The iPhone 5 also takes advantage of its taller form factor, allowing the user to shoot panoramic photos. The new Panorama mode can capture up to 28 megapixels in a single photo. By taking a picture and moving the camera, the iPhone 5 "creates seamless transitions between these photos," which is a big achievement for Apple's iPhone software team.

The frontside FaceTime camera can still shoot 720p HD photos and video, and users can also engage in FaceTime over cellular -- a feature promised in iOS 6.

The iPhone 4S contained an 8-megapixel iSight camera, built with a custom lens and a large ƒ/2.4 aperture. Apple also equipped its backside camera with an illumination sensor, advanced color accuracy, and face detection, and the camera software itself promised "excellent white balance" and reduced motion blur. The iPhone 4S camera also let users edit their photos for the first time without the help of a computer. The software let users crop, rotate and enhance their photos, and even remove red-eye on the fly.

The new camera system, which has a/the new/same 8 megapixels and ƒ/2.4 aperture, can also xx.

The news is only slightly different from what was originally reported from KGI Securities analyst Ming-Chi Kuo, who said in June that Apple would make significant improvements to the entire camera infrastructure in the iPhone 5, all while decreasing the overall thickness of the phone.

From Kuo's report (via MacRumors):

"[A] number of components have required a slimdown," Kuo said. "The component that will undergo the most dramatic makeover is the rear camera. Our research shows that iPhone 5 will feature the first-ever slimmed rear camera of all iPhones, in an effort to deliver an ultra-slim iPhone 5."

Kuo's research note also included a table of iPhone models -- past, present and future -- comparing the specs of each phone and camera infrastructure. Compared to the front-facing VGA camera and the 8-megapixel rear camera in the iPhone 4S, the iPhone 5 will reportedly feature an HD front-facing camera and the same 8-megapixel rear camera. However, the camera hardware will be made much smaller: The iPhone 4S measured 9.3 mm deep, but the iPhone 5 will only measure 7.9 mm thick.

The "significant improvements" Kuo referred to mainly relate to the size of the infrastructure.
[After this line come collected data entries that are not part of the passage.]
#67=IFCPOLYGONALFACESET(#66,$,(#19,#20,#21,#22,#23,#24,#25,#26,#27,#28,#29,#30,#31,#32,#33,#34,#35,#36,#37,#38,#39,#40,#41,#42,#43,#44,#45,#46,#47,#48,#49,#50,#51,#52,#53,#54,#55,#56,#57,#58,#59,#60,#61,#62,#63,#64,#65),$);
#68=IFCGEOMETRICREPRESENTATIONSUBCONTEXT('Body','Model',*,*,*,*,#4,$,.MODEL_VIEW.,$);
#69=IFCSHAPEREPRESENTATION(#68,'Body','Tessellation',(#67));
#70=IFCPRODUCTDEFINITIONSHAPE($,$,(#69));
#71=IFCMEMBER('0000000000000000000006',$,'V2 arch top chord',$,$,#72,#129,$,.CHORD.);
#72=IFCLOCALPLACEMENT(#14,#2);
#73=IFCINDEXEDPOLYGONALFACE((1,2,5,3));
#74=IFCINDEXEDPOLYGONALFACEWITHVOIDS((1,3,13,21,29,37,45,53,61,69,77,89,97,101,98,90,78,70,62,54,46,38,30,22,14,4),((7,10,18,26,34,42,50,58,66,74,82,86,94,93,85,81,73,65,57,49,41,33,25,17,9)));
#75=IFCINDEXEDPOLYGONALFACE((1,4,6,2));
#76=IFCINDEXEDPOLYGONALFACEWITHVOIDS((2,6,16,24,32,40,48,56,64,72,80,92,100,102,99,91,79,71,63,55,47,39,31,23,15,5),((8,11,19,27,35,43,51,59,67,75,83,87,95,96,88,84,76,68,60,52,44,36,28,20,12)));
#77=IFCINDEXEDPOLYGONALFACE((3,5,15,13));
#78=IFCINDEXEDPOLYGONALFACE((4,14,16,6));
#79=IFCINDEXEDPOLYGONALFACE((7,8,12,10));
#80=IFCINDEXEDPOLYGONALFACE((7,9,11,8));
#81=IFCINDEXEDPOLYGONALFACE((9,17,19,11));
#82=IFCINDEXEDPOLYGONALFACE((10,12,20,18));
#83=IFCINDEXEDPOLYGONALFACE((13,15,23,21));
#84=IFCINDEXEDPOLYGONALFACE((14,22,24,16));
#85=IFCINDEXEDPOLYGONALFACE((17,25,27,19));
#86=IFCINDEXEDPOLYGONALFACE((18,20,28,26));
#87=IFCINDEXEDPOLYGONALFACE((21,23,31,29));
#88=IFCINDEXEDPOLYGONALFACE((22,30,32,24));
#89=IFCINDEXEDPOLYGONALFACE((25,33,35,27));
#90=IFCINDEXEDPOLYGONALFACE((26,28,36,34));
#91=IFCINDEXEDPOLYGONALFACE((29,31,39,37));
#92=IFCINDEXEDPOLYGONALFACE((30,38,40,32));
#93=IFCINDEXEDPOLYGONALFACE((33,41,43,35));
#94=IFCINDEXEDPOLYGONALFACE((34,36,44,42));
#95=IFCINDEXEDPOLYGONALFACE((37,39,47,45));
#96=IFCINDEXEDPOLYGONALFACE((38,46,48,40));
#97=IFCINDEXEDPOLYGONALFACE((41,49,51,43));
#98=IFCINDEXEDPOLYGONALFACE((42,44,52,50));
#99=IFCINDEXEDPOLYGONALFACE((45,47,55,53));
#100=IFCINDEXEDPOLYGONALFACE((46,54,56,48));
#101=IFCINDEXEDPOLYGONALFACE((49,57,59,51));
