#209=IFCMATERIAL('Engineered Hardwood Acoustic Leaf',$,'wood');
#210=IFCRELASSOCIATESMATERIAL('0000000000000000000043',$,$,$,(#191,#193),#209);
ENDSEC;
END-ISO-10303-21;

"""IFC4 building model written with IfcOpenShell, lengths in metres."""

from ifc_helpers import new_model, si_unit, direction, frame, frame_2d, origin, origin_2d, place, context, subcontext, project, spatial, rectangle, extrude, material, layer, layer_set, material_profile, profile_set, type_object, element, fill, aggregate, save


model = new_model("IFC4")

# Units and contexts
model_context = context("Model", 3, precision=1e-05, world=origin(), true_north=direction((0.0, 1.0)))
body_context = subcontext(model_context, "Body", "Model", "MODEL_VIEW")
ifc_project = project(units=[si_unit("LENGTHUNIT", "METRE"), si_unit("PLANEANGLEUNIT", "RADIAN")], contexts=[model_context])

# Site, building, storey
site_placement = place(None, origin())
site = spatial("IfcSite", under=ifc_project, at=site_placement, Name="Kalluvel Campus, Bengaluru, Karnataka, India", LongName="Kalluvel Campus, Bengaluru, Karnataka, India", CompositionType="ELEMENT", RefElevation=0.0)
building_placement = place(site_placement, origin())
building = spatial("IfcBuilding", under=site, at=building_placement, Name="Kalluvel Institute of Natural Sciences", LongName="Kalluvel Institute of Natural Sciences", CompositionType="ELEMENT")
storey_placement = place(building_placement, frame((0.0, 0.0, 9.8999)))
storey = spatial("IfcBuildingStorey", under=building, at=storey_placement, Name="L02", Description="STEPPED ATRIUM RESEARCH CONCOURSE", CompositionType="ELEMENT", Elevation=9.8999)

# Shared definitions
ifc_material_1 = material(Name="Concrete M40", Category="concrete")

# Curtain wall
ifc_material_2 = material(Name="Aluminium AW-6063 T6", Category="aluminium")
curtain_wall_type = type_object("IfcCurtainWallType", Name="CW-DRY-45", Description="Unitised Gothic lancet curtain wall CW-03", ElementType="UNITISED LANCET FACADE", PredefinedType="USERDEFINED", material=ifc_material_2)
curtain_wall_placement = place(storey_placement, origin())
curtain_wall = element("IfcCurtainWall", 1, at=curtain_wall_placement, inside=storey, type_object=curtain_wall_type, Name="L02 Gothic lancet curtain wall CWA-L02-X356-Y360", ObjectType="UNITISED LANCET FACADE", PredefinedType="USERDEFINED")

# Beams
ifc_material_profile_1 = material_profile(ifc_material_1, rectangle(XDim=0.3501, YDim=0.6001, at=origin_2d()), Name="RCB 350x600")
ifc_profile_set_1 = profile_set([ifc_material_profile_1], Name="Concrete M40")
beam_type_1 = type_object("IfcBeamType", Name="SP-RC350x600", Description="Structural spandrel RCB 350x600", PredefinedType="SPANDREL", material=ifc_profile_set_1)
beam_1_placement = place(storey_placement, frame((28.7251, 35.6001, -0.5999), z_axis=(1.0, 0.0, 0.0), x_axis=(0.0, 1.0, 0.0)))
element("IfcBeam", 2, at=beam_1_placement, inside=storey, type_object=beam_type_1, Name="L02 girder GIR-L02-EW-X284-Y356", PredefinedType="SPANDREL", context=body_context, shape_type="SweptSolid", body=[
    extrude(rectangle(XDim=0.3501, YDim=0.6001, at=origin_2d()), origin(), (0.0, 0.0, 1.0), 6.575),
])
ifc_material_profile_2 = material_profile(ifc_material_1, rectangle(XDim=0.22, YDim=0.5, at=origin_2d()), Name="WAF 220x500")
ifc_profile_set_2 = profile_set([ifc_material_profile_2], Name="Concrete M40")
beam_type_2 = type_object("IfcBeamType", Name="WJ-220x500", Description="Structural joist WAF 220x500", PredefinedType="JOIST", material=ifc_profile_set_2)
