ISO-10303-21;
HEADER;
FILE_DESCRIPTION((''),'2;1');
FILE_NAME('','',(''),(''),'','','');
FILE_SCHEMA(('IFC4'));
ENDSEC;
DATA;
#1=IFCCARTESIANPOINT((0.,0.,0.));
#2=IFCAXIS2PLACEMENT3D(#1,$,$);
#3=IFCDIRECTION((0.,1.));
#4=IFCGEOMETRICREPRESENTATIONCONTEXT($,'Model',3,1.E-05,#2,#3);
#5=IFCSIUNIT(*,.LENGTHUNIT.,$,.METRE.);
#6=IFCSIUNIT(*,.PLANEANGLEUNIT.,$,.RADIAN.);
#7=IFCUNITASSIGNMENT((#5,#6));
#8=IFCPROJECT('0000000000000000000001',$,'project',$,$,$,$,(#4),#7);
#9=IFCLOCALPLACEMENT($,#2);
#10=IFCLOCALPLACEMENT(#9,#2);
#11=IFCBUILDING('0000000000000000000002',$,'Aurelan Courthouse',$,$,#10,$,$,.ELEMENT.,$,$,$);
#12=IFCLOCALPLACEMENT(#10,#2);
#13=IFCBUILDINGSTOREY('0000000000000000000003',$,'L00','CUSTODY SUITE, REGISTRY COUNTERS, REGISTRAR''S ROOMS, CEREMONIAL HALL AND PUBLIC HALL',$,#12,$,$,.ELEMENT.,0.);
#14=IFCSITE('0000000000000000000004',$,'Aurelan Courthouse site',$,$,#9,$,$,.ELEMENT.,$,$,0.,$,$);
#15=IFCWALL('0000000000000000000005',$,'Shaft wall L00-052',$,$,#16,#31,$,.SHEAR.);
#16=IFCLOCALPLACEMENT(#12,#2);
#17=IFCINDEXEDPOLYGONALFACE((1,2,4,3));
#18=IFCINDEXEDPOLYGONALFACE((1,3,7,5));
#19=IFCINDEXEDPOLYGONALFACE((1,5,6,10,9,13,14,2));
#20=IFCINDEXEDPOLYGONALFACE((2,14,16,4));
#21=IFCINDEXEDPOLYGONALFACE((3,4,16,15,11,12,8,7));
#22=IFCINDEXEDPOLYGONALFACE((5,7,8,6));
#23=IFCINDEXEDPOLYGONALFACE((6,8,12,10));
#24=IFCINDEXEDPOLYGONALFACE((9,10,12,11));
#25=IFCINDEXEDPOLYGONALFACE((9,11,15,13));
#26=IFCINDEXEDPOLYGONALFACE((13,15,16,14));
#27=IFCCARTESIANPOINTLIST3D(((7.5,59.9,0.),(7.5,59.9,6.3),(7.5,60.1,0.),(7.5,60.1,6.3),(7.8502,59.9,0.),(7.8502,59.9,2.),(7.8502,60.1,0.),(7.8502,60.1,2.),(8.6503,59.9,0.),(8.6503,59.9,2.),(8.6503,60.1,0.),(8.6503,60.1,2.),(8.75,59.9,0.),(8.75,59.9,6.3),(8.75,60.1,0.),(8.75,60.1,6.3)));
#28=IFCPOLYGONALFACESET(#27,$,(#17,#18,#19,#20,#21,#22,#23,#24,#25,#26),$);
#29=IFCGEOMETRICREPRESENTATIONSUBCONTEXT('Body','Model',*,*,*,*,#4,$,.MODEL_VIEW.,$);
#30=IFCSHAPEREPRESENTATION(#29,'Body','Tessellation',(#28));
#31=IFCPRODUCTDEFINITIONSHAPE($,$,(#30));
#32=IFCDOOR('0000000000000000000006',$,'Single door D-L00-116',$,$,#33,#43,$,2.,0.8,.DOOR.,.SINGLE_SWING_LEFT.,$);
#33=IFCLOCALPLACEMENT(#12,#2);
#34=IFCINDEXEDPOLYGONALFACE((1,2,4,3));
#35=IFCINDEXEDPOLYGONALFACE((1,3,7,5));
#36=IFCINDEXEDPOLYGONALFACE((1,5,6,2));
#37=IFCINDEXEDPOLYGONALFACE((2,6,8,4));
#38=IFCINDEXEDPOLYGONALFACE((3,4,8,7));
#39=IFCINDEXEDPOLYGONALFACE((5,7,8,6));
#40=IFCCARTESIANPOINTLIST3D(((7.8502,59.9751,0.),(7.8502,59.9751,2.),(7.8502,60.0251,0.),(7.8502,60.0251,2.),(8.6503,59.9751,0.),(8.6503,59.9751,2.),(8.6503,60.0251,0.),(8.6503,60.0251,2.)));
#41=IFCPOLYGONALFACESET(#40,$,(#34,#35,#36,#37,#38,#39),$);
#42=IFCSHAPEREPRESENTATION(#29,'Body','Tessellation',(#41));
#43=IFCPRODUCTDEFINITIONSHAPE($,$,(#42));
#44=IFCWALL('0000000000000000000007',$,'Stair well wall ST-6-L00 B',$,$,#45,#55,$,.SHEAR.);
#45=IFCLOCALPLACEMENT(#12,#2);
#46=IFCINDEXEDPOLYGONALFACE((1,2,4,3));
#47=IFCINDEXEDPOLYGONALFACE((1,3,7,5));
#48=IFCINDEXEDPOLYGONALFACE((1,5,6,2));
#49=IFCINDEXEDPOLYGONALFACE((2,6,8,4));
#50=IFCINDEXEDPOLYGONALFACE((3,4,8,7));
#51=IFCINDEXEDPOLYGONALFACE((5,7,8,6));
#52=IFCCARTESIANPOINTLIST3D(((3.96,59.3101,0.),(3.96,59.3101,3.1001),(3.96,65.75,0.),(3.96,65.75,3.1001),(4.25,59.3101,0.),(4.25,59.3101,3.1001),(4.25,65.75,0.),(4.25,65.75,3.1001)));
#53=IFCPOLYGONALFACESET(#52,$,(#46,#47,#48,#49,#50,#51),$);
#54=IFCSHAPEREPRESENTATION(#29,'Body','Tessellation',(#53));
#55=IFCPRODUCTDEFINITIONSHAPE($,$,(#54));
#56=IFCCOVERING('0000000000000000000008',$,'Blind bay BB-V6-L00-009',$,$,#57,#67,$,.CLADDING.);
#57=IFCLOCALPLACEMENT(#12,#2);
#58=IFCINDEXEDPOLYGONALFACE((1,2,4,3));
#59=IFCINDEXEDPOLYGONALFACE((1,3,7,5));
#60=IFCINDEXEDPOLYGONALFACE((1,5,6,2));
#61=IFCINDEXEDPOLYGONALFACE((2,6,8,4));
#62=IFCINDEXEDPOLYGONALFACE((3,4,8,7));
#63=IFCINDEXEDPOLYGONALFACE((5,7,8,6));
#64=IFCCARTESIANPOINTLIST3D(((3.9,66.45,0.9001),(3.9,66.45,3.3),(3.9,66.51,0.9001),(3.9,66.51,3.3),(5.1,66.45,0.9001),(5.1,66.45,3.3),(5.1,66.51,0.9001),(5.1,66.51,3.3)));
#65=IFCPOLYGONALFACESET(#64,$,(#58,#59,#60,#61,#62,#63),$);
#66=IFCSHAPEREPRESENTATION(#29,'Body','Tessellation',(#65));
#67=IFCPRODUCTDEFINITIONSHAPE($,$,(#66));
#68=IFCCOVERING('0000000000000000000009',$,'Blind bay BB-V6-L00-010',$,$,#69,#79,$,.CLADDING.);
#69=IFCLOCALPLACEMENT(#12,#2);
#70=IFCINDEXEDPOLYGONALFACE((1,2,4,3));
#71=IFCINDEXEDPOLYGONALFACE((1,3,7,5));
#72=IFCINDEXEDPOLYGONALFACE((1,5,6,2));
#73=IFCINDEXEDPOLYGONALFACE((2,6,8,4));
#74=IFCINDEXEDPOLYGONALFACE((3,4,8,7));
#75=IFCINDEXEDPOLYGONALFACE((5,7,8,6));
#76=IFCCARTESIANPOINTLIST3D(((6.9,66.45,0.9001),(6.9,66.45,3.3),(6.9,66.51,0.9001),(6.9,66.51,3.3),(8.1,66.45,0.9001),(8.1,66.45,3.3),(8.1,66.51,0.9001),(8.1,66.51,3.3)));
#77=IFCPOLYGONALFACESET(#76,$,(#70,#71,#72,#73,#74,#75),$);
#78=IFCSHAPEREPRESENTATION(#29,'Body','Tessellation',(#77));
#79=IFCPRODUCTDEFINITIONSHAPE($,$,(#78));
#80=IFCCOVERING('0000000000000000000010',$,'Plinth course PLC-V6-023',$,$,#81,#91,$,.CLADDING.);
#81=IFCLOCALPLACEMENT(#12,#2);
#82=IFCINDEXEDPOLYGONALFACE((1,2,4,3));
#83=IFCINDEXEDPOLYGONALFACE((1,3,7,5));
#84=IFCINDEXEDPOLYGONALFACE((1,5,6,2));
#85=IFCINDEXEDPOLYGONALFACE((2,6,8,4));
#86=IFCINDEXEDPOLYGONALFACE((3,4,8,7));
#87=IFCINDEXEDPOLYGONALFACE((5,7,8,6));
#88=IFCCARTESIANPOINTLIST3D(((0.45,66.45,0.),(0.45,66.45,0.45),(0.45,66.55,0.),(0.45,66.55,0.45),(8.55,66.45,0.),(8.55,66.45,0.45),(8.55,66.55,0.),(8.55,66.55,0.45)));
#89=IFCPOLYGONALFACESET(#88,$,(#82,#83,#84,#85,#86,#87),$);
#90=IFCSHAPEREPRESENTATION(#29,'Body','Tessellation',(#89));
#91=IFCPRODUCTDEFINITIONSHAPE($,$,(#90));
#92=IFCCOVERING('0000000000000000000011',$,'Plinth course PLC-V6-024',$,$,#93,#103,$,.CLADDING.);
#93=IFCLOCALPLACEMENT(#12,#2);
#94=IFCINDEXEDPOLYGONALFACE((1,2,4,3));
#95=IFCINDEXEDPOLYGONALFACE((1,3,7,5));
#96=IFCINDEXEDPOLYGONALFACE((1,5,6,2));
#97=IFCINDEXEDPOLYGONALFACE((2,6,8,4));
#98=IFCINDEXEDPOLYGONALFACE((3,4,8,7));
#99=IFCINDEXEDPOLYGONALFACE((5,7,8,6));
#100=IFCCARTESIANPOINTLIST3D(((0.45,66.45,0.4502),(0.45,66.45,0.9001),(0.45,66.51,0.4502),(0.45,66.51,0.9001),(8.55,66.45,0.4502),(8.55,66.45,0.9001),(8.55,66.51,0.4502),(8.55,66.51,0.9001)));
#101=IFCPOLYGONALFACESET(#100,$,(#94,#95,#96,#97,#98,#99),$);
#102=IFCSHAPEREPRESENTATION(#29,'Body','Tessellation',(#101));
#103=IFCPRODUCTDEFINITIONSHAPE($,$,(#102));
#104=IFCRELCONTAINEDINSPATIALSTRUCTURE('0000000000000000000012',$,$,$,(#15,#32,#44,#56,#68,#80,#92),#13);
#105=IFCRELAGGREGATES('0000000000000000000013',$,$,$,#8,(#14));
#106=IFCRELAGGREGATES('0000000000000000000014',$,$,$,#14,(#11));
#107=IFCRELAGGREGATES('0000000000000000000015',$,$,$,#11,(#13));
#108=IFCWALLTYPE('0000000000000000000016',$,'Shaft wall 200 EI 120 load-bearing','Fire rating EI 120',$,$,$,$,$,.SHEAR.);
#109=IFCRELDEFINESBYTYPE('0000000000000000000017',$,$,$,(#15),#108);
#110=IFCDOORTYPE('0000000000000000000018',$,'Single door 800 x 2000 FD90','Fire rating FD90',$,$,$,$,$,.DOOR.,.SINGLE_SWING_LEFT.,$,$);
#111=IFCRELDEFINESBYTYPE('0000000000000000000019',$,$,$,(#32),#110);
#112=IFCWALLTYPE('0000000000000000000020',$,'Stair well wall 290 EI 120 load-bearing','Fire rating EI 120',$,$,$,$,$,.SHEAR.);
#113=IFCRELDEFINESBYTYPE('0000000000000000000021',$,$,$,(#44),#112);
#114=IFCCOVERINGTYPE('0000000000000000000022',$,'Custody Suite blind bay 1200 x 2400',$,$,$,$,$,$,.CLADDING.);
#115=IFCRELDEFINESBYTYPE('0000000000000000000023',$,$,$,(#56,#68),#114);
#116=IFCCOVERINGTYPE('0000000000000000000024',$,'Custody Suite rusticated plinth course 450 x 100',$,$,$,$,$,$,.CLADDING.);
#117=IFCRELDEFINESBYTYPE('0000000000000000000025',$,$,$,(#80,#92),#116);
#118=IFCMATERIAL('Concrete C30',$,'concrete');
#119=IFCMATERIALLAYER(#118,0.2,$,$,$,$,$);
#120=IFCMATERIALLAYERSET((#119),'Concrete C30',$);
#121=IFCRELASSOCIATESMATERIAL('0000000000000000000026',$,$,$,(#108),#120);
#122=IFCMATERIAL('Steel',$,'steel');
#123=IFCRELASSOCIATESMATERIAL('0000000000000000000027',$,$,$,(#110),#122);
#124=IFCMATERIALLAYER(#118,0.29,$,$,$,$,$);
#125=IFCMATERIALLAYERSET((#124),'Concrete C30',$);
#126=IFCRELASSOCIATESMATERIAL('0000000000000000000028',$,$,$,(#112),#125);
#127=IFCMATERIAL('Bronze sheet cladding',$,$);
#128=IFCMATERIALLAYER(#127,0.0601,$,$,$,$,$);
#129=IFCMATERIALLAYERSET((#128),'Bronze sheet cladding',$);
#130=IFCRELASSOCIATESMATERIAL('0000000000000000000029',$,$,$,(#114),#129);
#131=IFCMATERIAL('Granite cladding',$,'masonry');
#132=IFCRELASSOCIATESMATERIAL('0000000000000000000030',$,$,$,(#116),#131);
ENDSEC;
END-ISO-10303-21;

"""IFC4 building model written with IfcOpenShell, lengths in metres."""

from ifc_helpers import new_model, si_unit, direction, frame, frame_2d, origin, origin_2d, place, context, subcontext, project, spatial, rectangle, extrude, material, layer, layer_set, type_object, element, fill, save


model = new_model("IFC4")

# Units and contexts
model_context = context("Model", 3, precision=1e-05, world=origin(), true_north=direction((0.0, 1.0)))
body_context = subcontext(model_context, "Body", "Model", "MODEL_VIEW")
ifc_project = project(units=[si_unit("LENGTHUNIT", "METRE"), si_unit("PLANEANGLEUNIT", "RADIAN")], contexts=[model_context])

# Site, building, storey
site_placement = place(None, origin())
site = spatial("IfcSite", under=ifc_project, at=site_placement, Name="Aurelan Courthouse site", CompositionType="ELEMENT", RefElevation=0.0)
building_placement = place(site_placement, origin())
building = spatial("IfcBuilding", under=site, at=building_placement, Name="Aurelan Courthouse", CompositionType="ELEMENT")
storey_placement = place(building_placement, origin())
storey = spatial("IfcBuildingStorey", under=building, at=storey_placement, Name="L00", Description="CUSTODY SUITE, REGISTRY COUNTERS, REGISTRAR'S ROOMS, CEREMONIAL HALL AND PUBLIC HALL", CompositionType="ELEMENT", Elevation=0.0)

# Shared definitions
ifc_material_1 = material(Name="Steel", Category="steel")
Kuo said the iPhone 5's rear camera would still be 8 megapixels but that the aperture would be increased from f/2.4 to f/2.2. Kuo said Apple was happy with the performance of the camera in the iPhone 4S, but the challenge was to make the camera parts thin enough to fit inside a thinner smartphone.

"The reduced thickness means even greater challenges for lens design and assmebly, as not only the lens, but also the voice coil motor (VCM) and CMOS image sensor (CIS) need to be slimmer," Kuo said. "Finally, the compact camera module (CCM) supplier, responsible for the terminal assembly, will be confronted by assembly yield."

Kuo originally said the front-facing camera would also be vastly improved, optimized and rebuilt to take pictures with a 16:9 aspect ratio, as opposed to the 4:3 aspect ratio of the VGA-quality FaceTime camera in the iPhone 4S. Since the iPhone 5's screen is reportedly bigger, Apple needed to change the aspect ratio anyway, but the FaceTime camera will now reportedly take HD photos, as well as more centered images.

The iPhone 5, the first Apple smartphone with a new four-inch screen size, is also the first iPhone to feature the high-speed Long-Term Evolution network, also known as LTE. The phone also features a new quad-core A6 processor, as well as the heavily-rumored new mini dock connector.

Apple plans to sell the new iPhone 5 at the same starting price as last year's model. In other words, the new iPhone will start selling for $199 for 16GB, $299 for 32 GB, and $399 for 64GB. Since we believe Apple will also sell the new iPhone with LTE, we believe Apple will sell those models for $329 for 16GB, $429 for 32GB, and $529 for 64GB. These figures are based off the difference between Apple's new iPad models with and without LTE.